Every drop counts

Dwarak Narasimhan
3 min readNov 21, 2021

It was over two decades ago and the mind has a way of playing tricks as time passes. The details of the day are foggy, but the event is not.

The short, slightly stout, bespectacled gentleman and I had run out of pleasantries to exchange, brought together as we were by my soon-to-be-father-in-law, and faced with my own recalcitrance to converse with another human being beyond the basic courtesies. It was at that point that he drifted off into a soliloquy about the importance of blood and its short supply in the world, resulting in countless lives being lost. He asked me to donate blood when I could, and on that note, we exchanged phone numbers with him promising to let me know the next time a need for blood arose and my promising to volunteer in such an event. I gave no further thought to the conversation, congratulated myself on having successfully extricated myself from the experience, and went on with my life.

Until that day when a text popped up on my Nokia phone asking me to make good my promise (which of course, I honoured).

More than twenty years on, I completed my umpteenth blood donation this morning. I stopped keeping track many years ago. On the day it stopped being the loss of bodily fluid for one, but the difference between life and death for another in my eyes.

My uncle lay writhing in pain, swathed in bandages, and on the verge of yet another surgery. An amputation of (what started off with) his foot had led from one complication to another, and after months in hospital, the hospital had run out of blood to perform yet another urgent operation. Urgent phone calls were made to friends and acquaintances, to blood banks and hospitals to find more donors. I was amazed as people kept coming forth — not only that day, but for the several months that followed when he would be operated upon many, many more times. None sought any reward or compensation, except to be informed later of the patient’s well-being.

It was then that I resolved that I would start paying it forward in the same way. I registered myself as a donor with a blood bank, saved the short, slightly stout, bespectacled gentleman’s phone number, and tried to ensure that I donated blood whenever I could. Over the years I have been witness to screams of anguish and tears of joy, I have consoled grieving relatives and counselled scared friends. I have visited hospitals and morgues, blood banks and churches, and donated blood in the sole hope that I would be able to give another person hope, if not another chance at life. For is that not what my dear uncle (and I) had received?

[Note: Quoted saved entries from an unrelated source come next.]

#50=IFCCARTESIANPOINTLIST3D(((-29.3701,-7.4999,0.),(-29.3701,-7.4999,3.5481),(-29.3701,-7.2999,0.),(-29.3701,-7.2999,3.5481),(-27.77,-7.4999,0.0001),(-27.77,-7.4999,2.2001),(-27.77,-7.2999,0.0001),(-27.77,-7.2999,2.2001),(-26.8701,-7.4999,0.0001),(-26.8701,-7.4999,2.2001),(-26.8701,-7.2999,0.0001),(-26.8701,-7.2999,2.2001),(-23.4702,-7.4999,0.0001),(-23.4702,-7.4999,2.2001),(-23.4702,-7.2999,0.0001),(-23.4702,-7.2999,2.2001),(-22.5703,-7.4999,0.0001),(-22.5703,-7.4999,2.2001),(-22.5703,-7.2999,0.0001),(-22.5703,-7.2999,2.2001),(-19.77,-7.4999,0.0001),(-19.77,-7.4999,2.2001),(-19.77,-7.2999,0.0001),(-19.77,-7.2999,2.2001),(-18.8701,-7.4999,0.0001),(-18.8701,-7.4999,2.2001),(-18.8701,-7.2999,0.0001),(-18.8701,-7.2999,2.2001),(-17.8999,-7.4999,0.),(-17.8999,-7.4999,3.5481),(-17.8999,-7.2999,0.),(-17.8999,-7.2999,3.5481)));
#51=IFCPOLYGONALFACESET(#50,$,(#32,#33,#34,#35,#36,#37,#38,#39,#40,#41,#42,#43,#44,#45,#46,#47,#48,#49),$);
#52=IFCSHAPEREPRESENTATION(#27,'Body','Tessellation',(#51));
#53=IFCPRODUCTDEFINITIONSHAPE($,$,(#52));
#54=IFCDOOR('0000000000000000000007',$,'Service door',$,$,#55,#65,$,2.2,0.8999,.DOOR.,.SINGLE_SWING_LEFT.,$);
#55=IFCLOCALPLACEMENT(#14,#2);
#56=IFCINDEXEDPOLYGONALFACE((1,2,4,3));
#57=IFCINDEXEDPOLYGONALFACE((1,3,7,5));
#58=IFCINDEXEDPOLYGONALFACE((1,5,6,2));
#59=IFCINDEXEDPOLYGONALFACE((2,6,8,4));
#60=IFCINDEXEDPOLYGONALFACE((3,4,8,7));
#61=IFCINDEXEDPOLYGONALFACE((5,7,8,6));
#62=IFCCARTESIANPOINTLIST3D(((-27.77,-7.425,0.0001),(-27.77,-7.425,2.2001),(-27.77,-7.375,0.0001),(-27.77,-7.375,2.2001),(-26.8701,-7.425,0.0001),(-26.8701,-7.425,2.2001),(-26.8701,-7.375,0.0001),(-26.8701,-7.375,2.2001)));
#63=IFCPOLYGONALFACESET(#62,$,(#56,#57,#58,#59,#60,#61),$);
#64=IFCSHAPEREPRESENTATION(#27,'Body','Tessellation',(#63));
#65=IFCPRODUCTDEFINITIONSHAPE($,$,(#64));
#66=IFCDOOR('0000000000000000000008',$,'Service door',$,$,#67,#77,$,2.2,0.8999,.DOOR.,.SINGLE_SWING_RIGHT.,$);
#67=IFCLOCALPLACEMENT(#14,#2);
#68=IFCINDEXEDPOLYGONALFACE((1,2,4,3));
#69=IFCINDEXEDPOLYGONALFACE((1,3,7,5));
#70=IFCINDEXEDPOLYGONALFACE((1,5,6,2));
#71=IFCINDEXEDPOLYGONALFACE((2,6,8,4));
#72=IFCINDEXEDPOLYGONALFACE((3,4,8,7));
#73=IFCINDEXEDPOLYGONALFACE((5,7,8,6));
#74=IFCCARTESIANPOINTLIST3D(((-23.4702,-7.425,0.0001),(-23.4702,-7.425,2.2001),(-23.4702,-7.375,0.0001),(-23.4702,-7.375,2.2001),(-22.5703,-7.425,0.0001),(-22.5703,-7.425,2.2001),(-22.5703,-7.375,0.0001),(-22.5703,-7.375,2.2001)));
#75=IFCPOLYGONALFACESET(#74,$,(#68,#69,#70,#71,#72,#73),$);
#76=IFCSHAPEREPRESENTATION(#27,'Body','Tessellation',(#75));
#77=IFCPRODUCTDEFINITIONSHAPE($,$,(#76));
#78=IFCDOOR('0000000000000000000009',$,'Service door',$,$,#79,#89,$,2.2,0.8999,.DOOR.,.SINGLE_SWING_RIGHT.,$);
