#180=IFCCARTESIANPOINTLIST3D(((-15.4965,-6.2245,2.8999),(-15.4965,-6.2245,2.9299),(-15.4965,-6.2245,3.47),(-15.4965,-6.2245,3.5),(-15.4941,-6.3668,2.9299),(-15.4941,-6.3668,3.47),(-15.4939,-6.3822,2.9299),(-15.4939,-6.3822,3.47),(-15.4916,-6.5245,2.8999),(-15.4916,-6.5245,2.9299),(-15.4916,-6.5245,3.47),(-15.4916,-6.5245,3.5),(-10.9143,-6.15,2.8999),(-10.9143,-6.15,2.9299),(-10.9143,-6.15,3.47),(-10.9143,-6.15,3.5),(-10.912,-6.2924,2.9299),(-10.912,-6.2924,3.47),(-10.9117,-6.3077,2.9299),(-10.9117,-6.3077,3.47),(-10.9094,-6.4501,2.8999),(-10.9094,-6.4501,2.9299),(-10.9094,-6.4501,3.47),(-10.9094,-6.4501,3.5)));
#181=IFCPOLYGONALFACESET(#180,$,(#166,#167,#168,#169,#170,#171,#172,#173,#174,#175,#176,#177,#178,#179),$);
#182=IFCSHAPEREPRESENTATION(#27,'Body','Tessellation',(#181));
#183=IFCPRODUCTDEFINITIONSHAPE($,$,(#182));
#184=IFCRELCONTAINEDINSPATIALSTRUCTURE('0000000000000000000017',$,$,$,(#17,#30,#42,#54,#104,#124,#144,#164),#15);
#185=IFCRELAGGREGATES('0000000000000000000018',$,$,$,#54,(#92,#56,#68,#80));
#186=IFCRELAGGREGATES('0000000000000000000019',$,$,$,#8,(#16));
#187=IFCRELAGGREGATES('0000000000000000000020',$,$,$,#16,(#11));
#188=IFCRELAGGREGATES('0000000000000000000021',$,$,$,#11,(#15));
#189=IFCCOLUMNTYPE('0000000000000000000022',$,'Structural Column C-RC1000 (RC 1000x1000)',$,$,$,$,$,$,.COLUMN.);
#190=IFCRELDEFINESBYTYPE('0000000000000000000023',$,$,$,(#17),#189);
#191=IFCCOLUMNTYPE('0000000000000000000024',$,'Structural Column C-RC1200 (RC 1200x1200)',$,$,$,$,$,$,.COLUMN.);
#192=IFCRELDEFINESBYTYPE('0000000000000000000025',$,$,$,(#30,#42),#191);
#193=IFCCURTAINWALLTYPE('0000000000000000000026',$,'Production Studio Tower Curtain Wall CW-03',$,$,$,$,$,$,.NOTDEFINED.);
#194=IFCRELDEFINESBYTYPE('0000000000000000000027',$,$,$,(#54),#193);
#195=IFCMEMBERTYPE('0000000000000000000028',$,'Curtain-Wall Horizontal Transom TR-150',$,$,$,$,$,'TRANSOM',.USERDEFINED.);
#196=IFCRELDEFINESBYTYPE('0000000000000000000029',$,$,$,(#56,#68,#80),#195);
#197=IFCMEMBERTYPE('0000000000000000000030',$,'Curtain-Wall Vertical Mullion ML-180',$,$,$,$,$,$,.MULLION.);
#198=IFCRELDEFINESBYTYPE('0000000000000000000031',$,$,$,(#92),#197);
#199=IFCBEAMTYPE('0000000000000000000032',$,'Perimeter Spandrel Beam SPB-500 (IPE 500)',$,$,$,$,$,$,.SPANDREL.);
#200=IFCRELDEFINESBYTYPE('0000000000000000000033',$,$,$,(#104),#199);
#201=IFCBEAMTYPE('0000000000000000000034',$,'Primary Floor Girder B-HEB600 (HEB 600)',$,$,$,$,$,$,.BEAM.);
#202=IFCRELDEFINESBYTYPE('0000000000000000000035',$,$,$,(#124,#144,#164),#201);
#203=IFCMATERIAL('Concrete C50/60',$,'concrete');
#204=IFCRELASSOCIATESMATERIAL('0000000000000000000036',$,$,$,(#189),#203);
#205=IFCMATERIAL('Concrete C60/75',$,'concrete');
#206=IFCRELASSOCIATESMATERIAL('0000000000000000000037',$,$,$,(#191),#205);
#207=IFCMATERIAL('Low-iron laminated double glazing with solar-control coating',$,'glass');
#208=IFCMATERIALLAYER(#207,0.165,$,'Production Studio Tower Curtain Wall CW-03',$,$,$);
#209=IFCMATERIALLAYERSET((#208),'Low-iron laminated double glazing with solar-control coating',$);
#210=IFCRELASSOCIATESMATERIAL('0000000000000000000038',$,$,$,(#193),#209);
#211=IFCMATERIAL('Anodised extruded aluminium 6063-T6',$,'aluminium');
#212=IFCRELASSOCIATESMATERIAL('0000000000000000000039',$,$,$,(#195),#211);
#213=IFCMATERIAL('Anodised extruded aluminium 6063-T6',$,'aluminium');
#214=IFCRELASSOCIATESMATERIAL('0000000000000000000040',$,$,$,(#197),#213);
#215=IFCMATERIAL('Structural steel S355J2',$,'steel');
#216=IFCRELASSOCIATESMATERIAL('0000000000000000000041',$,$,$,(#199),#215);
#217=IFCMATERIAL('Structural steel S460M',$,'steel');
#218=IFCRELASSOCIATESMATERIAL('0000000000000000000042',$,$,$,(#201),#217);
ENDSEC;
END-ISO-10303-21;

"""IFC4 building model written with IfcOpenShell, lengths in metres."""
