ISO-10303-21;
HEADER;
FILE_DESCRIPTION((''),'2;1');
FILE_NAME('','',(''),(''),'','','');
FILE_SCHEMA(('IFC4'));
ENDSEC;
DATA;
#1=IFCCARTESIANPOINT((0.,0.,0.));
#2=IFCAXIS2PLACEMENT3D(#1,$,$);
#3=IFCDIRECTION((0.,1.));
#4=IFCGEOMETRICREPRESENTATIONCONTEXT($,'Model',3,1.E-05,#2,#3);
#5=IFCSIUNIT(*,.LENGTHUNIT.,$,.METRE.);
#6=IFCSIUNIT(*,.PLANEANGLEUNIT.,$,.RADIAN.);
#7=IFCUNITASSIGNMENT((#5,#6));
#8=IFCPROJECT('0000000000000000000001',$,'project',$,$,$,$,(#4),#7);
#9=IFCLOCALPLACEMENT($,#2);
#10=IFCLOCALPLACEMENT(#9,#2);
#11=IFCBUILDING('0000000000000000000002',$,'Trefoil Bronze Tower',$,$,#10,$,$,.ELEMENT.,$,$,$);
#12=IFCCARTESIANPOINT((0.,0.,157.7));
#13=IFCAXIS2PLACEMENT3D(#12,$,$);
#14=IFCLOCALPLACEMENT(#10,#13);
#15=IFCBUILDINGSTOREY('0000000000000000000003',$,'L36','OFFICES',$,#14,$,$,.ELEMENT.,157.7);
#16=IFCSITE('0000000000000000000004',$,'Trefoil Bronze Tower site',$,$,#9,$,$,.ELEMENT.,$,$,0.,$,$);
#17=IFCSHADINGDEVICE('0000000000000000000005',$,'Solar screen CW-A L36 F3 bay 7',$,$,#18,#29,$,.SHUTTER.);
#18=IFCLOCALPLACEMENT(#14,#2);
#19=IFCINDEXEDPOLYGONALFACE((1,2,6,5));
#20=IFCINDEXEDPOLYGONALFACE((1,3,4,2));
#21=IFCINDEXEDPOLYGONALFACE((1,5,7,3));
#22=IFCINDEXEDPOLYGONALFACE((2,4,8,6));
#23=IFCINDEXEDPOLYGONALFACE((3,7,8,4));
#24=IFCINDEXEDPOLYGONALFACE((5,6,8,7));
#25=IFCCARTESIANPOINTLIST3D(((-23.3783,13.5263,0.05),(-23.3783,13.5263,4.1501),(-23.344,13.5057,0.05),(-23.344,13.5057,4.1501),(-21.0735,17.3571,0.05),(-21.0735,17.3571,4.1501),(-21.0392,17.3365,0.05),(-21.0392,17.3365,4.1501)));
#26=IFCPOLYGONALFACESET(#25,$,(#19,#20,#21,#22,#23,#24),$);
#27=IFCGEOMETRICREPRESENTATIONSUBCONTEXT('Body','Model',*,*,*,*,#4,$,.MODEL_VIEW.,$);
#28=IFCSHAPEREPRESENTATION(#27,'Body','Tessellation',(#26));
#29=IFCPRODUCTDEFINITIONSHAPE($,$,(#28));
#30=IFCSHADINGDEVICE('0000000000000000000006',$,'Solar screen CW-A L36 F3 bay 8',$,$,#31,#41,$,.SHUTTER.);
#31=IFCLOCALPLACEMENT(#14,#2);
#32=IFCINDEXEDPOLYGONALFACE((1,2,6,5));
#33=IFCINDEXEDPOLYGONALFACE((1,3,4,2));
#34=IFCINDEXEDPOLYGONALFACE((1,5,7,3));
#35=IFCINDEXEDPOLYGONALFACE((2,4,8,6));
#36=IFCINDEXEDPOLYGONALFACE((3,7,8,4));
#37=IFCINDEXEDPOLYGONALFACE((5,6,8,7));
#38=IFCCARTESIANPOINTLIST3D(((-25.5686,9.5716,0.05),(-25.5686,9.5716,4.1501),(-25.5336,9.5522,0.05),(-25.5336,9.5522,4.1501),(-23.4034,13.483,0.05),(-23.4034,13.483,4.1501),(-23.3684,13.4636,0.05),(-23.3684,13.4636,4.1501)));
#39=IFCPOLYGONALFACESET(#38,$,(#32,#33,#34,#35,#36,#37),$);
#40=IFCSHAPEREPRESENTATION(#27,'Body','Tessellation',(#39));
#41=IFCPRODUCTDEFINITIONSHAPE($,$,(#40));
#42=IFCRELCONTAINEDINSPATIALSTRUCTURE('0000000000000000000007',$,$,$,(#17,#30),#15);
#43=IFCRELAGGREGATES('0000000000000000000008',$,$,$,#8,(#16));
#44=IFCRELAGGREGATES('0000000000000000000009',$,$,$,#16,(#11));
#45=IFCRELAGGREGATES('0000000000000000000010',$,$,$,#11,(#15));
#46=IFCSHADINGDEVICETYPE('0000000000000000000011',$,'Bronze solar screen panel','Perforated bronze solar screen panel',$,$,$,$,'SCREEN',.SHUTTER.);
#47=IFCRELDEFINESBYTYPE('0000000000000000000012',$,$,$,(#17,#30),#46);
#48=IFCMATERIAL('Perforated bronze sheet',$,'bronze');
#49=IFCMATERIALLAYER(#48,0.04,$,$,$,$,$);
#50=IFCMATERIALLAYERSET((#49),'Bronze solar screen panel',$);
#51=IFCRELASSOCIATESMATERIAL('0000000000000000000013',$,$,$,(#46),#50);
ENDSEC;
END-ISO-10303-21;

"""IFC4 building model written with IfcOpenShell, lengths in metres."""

from ifc_helpers import new_model, si_unit, direction, frame, origin, origin_2d, place, context, subcontext, project, spatial, rectangle, extrude, material, layer, layer_set, type_object, element, save


model = new_model("IFC4")

# Units and contexts
model_context = context("Model", 3, precision=1e-05, world=origin(), true_north=direction((0.0, 1.0)))
body_context = subcontext(model_context, "Body", "Model", "MODEL_VIEW")
ifc_project = project(units=[si_unit("LENGTHUNIT", "METRE"), si_unit("PLANEANGLEUNIT", "RADIAN")], contexts=[model_context])

# Site, building, storey
site_placement = place(None, origin())
site = spatial("IfcSite", under=ifc_project, at=site_placement, Name="Trefoil Bronze Tower site", CompositionType="ELEMENT", RefElevation=0.0)
building_placement = place(site_placement, origin())
building = spatial("IfcBuilding", under=site, at=building_placement, Name="Trefoil Bronze Tower", CompositionType="ELEMENT")
storey_placement = place(building_placement, frame((0.0, 0.0, 157.7)))
storey = spatial("IfcBuildingStorey", under=building, at=storey_placement, Name="L36", Description="OFFICES", CompositionType="ELEMENT", Elevation=157.7)

# Shading devices
ifc_material_1 = material(Name="Perforated bronze sheet", Category="bronze")
ifc_layer_1 = layer(ifc_material_1, 0.04)
ifc_layer_set_1 = layer_set([ifc_layer_1], Name="Bronze solar screen panel")
shading_device_type = type_object("IfcShadingDeviceType", Name="Bronze solar screen panel", Description="Perforated bronze solar screen panel", ElementType="SCREEN", PredefinedType="SHUTTER", material=ifc_layer_set_1)
for number, where, z_axis, x_axis, name in (
    (1, (-22.2087, 15.4314, 0.05), (0.0, 0.0, 1.0), (-0.515525, -0.856874, 0.0), "Solar screen CW-A L36 F3 bay 7"),
    (2, (-24.4685, 11.5176, 0.05), (0.0, 0.0, 1.0), (-0.484312, -0.874895, 0.0), "Solar screen CW-A L36 F3 bay 8"),
):
    element("IfcShadingDevice", number, at=place(storey_placement, frame(where, z_axis=z_axis, x_axis=x_axis)), inside=storey, type_object=shading_device_type, Name=name, PredefinedType="SHUTTER", context=body_context, shape_type="SweptSolid", body=[
        extrude(rectangle(XDim=4.4707, YDim=0.04, at=origin_2d()), origin(), (0.0, 0.0, 1.0), 4.1001),
    ])

save(model, "model.ifc")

My uncle passed away recently, having lived well into his eighties, but every donation I make is my small way of giving thanks to every person who came forward to help him over many years.

And what of Mr Kurien, the gentleman who first introduced me to the concept? He remains committed as ever to the cause — organizing blood donation camps and nowadays whatsapp groups, making calls to seek help, even selling all his belongings to support the cause that he has so passionately espoused for several decades now — to ensure that every possible drop of blood that can be donated, is.

Not all of us can be as passionate or committed as him. But in a world that desperately needs more goodness, we can try to play a small part.